A leading credit card processing comparison website has warned that ill-prepared merchants will not see savings from fees mandated by the Durbin Amendment.

CardFellow.com warned that the Durbin Amendment only applies to card-issuing banks that receive interchange and makes no mention of payment processors or merchant acquirers that handle bank card processing for millions of merchants.

As a result of this oversight, merchants who use a bundled pricing model have no guarantee of savings from the interchange cuts.
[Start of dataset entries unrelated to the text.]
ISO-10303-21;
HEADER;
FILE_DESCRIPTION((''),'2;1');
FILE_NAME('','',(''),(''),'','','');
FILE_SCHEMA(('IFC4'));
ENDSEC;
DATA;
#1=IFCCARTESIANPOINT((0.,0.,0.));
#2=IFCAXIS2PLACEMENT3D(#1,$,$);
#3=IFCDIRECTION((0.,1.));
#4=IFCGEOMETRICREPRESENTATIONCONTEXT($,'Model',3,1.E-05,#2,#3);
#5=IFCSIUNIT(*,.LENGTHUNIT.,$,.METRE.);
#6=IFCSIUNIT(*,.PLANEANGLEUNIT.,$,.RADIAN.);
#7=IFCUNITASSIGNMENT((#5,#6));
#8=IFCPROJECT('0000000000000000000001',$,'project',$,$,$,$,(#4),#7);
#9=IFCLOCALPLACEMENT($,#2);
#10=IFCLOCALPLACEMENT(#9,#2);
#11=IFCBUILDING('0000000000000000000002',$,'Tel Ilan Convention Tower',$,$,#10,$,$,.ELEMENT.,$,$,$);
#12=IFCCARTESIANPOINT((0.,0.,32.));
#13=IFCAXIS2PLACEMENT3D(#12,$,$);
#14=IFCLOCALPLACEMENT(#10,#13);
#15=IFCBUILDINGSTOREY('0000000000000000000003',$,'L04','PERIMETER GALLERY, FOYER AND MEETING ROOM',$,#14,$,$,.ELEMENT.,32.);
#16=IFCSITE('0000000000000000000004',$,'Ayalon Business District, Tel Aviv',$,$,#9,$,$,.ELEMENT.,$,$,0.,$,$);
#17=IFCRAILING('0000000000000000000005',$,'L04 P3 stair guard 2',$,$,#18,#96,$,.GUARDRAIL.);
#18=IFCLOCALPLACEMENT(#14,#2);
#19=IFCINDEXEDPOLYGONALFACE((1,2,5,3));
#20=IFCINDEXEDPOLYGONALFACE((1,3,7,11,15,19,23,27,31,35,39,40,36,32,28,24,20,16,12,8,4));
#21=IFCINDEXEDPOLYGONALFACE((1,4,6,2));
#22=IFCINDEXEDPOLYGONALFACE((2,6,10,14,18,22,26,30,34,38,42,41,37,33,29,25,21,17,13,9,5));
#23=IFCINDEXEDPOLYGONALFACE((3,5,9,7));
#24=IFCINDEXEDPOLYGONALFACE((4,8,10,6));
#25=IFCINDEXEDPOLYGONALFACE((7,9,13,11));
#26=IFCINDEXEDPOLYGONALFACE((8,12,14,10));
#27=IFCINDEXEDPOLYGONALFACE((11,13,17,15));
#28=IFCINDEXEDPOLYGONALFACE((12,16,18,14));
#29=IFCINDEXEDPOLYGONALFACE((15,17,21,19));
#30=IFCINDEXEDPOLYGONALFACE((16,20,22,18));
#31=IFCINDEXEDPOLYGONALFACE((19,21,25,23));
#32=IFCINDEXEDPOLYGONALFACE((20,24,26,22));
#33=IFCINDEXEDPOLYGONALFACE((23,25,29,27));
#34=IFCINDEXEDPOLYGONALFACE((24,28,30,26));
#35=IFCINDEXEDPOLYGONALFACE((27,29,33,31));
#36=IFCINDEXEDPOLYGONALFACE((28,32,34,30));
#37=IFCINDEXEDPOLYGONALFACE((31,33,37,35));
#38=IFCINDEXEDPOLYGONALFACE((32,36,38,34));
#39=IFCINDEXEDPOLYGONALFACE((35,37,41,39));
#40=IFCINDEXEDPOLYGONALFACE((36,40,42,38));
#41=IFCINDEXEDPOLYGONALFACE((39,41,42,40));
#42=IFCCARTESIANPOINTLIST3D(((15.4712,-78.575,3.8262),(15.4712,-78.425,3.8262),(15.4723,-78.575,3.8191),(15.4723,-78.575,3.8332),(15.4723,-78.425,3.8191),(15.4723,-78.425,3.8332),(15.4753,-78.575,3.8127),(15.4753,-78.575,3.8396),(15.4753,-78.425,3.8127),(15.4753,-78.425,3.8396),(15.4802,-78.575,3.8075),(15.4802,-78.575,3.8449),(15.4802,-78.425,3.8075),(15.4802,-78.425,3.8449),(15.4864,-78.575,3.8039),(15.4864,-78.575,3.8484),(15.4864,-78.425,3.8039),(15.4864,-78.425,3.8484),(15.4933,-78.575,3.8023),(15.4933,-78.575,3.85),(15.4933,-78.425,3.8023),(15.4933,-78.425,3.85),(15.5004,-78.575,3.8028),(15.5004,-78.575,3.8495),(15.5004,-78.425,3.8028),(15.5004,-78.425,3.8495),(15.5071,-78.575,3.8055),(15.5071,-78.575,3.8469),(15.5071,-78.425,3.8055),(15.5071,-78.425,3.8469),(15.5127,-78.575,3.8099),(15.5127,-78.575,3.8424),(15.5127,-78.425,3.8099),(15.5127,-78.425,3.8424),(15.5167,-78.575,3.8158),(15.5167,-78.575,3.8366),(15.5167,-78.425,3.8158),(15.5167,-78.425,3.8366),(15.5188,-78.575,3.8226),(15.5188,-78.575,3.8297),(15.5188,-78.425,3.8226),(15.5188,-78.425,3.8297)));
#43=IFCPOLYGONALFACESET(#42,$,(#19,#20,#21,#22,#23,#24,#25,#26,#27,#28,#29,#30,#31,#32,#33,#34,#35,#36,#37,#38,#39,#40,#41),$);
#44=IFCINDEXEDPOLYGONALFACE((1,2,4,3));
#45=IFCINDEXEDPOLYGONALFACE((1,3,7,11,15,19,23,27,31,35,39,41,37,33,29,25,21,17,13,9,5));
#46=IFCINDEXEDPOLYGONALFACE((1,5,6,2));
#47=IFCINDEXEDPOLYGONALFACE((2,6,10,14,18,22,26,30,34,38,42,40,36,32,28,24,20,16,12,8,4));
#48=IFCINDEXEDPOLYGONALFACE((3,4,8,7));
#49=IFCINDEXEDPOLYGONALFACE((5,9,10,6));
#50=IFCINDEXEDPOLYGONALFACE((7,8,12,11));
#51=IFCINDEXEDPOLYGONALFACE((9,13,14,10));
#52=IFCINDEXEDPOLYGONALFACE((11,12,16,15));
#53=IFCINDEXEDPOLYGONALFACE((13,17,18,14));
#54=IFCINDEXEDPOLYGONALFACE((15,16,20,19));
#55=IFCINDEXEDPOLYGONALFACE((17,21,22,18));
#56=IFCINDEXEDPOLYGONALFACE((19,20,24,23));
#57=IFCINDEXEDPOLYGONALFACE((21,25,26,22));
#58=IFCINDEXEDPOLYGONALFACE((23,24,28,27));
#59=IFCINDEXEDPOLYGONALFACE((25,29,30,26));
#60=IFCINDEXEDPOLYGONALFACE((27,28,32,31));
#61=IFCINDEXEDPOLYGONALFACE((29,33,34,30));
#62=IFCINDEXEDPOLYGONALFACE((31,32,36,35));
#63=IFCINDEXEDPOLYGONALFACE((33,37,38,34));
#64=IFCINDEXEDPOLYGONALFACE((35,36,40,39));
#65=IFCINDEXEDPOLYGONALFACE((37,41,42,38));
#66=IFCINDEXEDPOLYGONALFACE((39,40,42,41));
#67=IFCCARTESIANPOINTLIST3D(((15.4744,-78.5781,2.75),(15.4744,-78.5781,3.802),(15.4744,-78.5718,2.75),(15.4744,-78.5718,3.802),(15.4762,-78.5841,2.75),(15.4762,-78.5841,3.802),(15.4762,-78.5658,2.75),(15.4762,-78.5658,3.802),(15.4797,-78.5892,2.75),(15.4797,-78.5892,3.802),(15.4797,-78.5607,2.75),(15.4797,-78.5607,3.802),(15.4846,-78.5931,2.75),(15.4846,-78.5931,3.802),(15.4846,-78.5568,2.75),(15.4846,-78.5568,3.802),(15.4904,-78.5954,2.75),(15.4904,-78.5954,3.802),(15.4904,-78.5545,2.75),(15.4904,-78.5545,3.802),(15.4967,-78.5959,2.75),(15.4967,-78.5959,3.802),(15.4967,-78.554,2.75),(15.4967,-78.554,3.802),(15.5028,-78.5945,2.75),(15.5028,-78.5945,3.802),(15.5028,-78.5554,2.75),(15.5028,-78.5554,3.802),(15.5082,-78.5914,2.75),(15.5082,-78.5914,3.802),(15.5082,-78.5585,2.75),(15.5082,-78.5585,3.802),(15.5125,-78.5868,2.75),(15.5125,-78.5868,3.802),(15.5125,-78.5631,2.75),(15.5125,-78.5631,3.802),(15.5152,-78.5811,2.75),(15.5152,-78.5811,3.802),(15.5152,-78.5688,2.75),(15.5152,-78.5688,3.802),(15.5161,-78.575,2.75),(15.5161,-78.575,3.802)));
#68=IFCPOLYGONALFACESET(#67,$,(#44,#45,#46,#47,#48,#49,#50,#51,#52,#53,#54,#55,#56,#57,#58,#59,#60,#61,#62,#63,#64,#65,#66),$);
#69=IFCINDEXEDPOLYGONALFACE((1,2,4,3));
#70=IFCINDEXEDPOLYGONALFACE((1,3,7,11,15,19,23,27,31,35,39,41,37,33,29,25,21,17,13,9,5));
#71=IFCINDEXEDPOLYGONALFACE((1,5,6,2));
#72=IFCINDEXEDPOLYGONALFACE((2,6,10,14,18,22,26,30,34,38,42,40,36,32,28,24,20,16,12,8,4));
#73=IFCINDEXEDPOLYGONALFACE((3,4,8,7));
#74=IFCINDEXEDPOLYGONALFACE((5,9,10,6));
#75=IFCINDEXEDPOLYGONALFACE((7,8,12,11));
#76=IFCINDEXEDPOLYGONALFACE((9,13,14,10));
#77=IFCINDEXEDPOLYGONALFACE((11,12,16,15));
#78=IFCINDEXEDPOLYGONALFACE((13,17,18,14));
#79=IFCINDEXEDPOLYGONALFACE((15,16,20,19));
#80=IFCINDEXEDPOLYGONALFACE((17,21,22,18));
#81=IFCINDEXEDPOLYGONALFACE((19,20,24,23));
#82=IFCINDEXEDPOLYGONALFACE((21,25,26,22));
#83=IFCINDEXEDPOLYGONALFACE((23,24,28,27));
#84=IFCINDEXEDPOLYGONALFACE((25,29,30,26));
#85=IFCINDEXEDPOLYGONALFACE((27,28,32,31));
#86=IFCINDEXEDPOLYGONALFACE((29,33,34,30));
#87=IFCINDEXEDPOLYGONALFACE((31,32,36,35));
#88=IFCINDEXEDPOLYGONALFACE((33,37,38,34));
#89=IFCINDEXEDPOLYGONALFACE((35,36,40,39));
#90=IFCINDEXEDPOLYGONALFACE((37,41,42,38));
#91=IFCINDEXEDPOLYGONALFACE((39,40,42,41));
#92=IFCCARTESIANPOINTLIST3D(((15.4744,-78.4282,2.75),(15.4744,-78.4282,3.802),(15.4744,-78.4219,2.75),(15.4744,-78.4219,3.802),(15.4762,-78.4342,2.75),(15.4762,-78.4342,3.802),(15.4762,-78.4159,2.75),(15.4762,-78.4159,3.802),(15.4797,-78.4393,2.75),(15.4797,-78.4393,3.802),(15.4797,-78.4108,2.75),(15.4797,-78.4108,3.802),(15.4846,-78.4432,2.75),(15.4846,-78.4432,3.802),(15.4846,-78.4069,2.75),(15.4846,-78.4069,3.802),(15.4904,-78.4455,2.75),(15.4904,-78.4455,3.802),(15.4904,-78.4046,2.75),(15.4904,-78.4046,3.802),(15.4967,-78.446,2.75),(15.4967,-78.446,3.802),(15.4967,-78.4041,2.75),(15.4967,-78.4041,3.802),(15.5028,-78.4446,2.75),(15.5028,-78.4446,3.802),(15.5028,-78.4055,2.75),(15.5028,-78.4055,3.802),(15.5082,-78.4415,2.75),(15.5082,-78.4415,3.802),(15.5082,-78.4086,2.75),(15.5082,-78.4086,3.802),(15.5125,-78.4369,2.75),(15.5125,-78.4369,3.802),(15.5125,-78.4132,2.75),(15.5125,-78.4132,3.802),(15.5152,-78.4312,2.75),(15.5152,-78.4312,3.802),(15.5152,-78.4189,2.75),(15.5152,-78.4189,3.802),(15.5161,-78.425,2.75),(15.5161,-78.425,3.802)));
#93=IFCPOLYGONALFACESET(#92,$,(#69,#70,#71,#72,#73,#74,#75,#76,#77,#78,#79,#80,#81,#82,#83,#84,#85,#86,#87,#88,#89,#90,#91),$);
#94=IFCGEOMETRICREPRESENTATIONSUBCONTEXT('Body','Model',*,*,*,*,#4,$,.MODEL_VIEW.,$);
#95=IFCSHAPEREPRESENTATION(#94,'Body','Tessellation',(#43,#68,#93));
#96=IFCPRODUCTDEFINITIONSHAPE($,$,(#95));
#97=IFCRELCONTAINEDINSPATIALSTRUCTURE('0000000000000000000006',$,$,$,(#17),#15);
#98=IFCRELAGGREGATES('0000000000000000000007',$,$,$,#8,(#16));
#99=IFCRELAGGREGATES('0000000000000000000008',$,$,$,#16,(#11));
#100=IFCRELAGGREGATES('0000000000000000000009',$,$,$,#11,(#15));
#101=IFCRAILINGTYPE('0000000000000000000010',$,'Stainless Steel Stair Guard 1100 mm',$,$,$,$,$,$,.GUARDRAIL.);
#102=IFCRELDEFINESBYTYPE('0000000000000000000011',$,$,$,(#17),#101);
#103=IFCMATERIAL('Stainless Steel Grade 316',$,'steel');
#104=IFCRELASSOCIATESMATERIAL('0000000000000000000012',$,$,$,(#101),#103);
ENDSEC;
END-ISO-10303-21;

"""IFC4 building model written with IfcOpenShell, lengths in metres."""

from ifc_helpers import new_model, si_unit, direction, frame, origin, origin_2d, place, context, subcontext, project, spatial, circle, extrude, material, type_object, element, save


model = new_model("IFC4")

# Units and contexts
model_context = context("Model", 3, precision=1e-05, world=origin(), true_north=direction((0.0, 1.0)))
body_context = subcontext(model_context, "Body", "Model", "MODEL_VIEW")
ifc_project = project(units=[si_unit("LENGTHUNIT", "METRE"), si_unit("PLANEANGLEUNIT", "RADIAN")], contexts=[model_context])

# Site, building, storey
site_placement = place(None, origin())
site = spatial("IfcSite", under=ifc_project, at=site_placement, Name="Ayalon Business District, Tel Aviv", CompositionType="ELEMENT", RefElevation=0.0)
building_placement = place(site_placement, origin())
building = spatial("IfcBuilding", under=site, at=building_placement, Name="Tel Ilan Convention Tower", CompositionType="ELEMENT")
storey_placement = place(building_placement, frame((0.0, 0.0, 32.0)))
storey = spatial("IfcBuildingStorey", under=building, at=storey_placement, Name="L04", Description="PERIMETER GALLERY, FOYER AND MEETING ROOM", CompositionType="ELEMENT", Elevation=32.0)

# Railing
ifc_material_1 = material(Name="Stainless Steel Grade 316", Category="steel")
railing_type_1 = type_object("IfcRailingType", Name="Stainless Steel Stair Guard 1100 mm", PredefinedType="GUARDRAIL", material=ifc_material_1)
railing_1_placement = place(storey_placement, frame((15.4951, -78.575, 2.75)))
element("IfcRailing", 1, at=railing_1_placement, inside=storey, type_object=railing_type_1, Name="L04 P3 stair guard 2", PredefinedType="GUARDRAIL", context=body_context, shape_type="SweptSolid", body=[
    extrude(circle(Radius=0.0239, at=origin_2d()), frame((0.0, 0.0, 1.0762), z_axis=(0.0, 1.0, 0.0), x_axis=(-1.0, 0.0, 0.0)), (0.0, 0.0, 1.0), 0.1499),
    extrude(circle(Radius=0.021, at=origin_2d()), origin(), (0.0, 0.0, 1.0), 1.052),
    extrude(circle(Radius=0.021, at=origin_2d()), frame((0.0, 0.1499, 0.0)), (0.0, 0.0, 1.0), 1.052),
])

save(model, "model.ifc")
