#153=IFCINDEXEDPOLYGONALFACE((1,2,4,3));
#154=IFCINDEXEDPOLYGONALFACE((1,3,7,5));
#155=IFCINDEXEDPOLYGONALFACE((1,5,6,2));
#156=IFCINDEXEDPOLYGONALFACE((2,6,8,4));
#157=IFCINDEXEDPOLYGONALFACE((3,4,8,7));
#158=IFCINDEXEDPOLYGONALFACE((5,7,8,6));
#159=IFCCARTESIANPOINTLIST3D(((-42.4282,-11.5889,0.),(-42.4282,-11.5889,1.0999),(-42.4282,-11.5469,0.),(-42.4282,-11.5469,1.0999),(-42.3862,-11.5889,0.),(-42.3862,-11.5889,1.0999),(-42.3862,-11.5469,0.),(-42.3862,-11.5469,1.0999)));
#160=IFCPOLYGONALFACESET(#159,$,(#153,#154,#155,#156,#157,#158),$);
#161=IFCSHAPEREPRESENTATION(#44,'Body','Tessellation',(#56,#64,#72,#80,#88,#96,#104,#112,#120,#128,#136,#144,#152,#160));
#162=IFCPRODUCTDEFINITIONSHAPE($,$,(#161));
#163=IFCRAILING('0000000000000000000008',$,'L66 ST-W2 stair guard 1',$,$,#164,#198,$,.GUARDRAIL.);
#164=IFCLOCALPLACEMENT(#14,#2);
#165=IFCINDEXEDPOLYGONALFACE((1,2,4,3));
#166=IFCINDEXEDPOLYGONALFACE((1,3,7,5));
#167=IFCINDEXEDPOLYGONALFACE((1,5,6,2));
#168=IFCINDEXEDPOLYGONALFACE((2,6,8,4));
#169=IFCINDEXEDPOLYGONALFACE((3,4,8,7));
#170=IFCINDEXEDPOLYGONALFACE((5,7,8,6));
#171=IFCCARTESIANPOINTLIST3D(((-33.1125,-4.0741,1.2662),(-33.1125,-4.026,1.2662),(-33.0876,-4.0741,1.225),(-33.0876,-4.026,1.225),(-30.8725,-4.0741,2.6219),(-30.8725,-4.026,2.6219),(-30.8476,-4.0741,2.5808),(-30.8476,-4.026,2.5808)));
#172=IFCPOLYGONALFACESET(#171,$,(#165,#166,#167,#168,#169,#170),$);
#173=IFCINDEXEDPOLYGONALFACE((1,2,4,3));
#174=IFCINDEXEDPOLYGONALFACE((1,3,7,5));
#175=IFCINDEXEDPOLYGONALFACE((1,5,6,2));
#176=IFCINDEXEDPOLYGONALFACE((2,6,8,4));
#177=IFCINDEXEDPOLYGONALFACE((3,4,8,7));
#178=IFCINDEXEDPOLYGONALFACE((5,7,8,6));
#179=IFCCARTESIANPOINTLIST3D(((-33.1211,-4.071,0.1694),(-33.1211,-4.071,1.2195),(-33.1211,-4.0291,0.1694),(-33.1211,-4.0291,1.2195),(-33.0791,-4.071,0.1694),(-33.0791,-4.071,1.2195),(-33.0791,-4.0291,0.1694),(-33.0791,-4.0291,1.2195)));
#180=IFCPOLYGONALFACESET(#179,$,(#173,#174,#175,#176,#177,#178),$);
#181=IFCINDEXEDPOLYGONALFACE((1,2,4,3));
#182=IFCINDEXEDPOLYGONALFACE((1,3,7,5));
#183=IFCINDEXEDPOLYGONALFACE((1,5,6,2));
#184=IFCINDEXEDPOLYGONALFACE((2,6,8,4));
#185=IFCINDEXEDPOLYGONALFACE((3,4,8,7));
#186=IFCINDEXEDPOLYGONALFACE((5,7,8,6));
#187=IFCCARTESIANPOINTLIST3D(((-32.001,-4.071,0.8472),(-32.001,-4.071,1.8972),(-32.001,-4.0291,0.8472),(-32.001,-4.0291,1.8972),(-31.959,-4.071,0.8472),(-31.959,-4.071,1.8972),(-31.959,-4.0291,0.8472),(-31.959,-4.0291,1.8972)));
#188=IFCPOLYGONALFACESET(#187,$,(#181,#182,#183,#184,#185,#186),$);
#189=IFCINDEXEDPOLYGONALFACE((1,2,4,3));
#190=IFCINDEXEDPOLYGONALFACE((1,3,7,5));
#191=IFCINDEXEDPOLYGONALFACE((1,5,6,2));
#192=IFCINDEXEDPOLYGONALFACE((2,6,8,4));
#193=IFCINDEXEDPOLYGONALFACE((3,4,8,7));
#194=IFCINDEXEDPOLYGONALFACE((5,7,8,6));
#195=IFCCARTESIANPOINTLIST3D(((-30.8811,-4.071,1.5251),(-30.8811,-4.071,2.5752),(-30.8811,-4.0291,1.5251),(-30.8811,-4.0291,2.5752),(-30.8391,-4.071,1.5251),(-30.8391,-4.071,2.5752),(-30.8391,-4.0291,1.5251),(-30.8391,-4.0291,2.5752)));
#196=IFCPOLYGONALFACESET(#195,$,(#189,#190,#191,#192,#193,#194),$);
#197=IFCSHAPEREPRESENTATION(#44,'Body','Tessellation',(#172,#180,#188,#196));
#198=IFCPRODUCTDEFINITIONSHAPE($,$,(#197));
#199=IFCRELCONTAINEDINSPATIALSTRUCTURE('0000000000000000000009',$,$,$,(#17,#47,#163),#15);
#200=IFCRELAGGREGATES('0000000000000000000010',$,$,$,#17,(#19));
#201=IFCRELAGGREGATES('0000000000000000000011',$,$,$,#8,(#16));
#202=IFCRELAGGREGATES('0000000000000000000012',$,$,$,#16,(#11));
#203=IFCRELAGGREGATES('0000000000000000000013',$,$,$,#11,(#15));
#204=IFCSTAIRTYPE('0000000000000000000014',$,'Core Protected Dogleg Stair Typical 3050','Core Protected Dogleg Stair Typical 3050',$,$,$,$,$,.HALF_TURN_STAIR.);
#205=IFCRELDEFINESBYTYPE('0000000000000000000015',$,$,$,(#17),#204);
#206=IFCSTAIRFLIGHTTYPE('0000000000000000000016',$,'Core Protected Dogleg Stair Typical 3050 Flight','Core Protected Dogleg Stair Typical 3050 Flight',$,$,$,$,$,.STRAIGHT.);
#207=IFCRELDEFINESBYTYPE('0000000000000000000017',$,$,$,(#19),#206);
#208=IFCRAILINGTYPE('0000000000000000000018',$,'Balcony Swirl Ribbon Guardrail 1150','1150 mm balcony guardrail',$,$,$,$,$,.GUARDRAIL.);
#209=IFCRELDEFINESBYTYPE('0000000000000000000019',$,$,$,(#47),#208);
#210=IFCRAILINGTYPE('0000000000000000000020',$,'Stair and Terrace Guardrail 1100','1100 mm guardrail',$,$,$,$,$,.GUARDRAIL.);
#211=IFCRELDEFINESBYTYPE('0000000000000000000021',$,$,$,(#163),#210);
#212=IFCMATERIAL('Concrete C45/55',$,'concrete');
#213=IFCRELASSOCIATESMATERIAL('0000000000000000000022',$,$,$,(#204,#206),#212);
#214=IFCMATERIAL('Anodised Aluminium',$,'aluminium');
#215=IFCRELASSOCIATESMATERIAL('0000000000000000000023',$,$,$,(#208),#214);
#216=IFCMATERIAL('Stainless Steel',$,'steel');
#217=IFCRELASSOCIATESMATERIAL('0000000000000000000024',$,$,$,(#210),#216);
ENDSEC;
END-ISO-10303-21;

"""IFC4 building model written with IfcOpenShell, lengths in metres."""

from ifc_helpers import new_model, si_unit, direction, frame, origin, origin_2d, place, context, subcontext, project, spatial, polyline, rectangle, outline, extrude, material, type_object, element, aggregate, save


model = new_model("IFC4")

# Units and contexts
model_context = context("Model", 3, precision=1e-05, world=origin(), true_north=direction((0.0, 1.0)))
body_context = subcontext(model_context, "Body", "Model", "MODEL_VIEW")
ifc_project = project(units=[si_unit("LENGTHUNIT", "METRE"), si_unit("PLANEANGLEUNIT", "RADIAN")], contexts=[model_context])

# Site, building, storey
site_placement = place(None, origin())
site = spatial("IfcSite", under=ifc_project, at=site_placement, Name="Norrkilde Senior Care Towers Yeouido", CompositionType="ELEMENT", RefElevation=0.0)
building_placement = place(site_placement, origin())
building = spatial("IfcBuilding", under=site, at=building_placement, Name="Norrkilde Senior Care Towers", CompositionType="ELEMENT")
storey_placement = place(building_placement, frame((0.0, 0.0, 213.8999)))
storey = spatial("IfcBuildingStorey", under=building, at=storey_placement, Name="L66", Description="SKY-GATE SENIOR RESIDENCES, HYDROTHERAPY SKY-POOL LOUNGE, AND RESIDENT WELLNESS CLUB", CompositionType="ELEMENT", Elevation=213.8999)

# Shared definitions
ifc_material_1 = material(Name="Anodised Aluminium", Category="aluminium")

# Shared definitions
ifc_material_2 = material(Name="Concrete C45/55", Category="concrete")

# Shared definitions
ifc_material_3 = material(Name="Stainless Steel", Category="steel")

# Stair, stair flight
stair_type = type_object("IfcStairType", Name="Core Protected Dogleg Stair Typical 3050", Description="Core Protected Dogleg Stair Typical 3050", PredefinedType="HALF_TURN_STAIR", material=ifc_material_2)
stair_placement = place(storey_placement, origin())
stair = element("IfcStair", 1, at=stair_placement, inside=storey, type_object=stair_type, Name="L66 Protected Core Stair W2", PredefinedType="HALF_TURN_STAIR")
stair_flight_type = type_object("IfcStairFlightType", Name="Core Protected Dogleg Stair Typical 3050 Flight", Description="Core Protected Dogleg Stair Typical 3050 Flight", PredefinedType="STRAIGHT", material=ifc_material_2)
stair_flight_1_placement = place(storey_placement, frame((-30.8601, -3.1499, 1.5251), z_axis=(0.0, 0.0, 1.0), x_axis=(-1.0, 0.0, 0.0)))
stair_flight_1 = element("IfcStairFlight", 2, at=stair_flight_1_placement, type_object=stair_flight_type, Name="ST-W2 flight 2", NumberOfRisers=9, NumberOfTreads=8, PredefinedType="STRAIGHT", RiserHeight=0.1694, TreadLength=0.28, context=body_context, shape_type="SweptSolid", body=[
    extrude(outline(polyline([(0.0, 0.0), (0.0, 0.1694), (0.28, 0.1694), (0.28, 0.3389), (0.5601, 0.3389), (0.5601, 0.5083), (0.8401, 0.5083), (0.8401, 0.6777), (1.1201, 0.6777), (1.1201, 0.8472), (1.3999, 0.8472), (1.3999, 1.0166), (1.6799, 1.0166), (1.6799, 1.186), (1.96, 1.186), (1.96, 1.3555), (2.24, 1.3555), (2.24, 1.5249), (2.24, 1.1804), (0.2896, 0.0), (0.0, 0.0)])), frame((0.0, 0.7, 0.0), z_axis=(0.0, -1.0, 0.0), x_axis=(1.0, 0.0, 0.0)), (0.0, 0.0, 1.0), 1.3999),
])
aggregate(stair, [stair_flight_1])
The only alternative is to change to a processor offering interchange plus pricing, Ben Dwyer, CardFellow.com's CEO, warned.

“If they don’t, any savings they would have seen as a result of Durbin will go to their processor,” Dwyer said.

Dwyer is encouraging merchants to avoid this scenario.

“Businesses should take a close look at their current processing statements," Dwyer said. "If they see the words qualified, mid-qualified, or non-qualified anywhere, they should act quickly and use CardFellow.com to get multiple bids from credit card processors based on interchange plus pricing—a pricing model that will allow them to reap the savings from the proposed Durbin rate cuts.”

Merchants should also examine their cancellation clause in their processor's contract to determine when and how they may terminate their agreement to prepare for obtaining a processor offering less expensive, more transparent interchange plus pricing.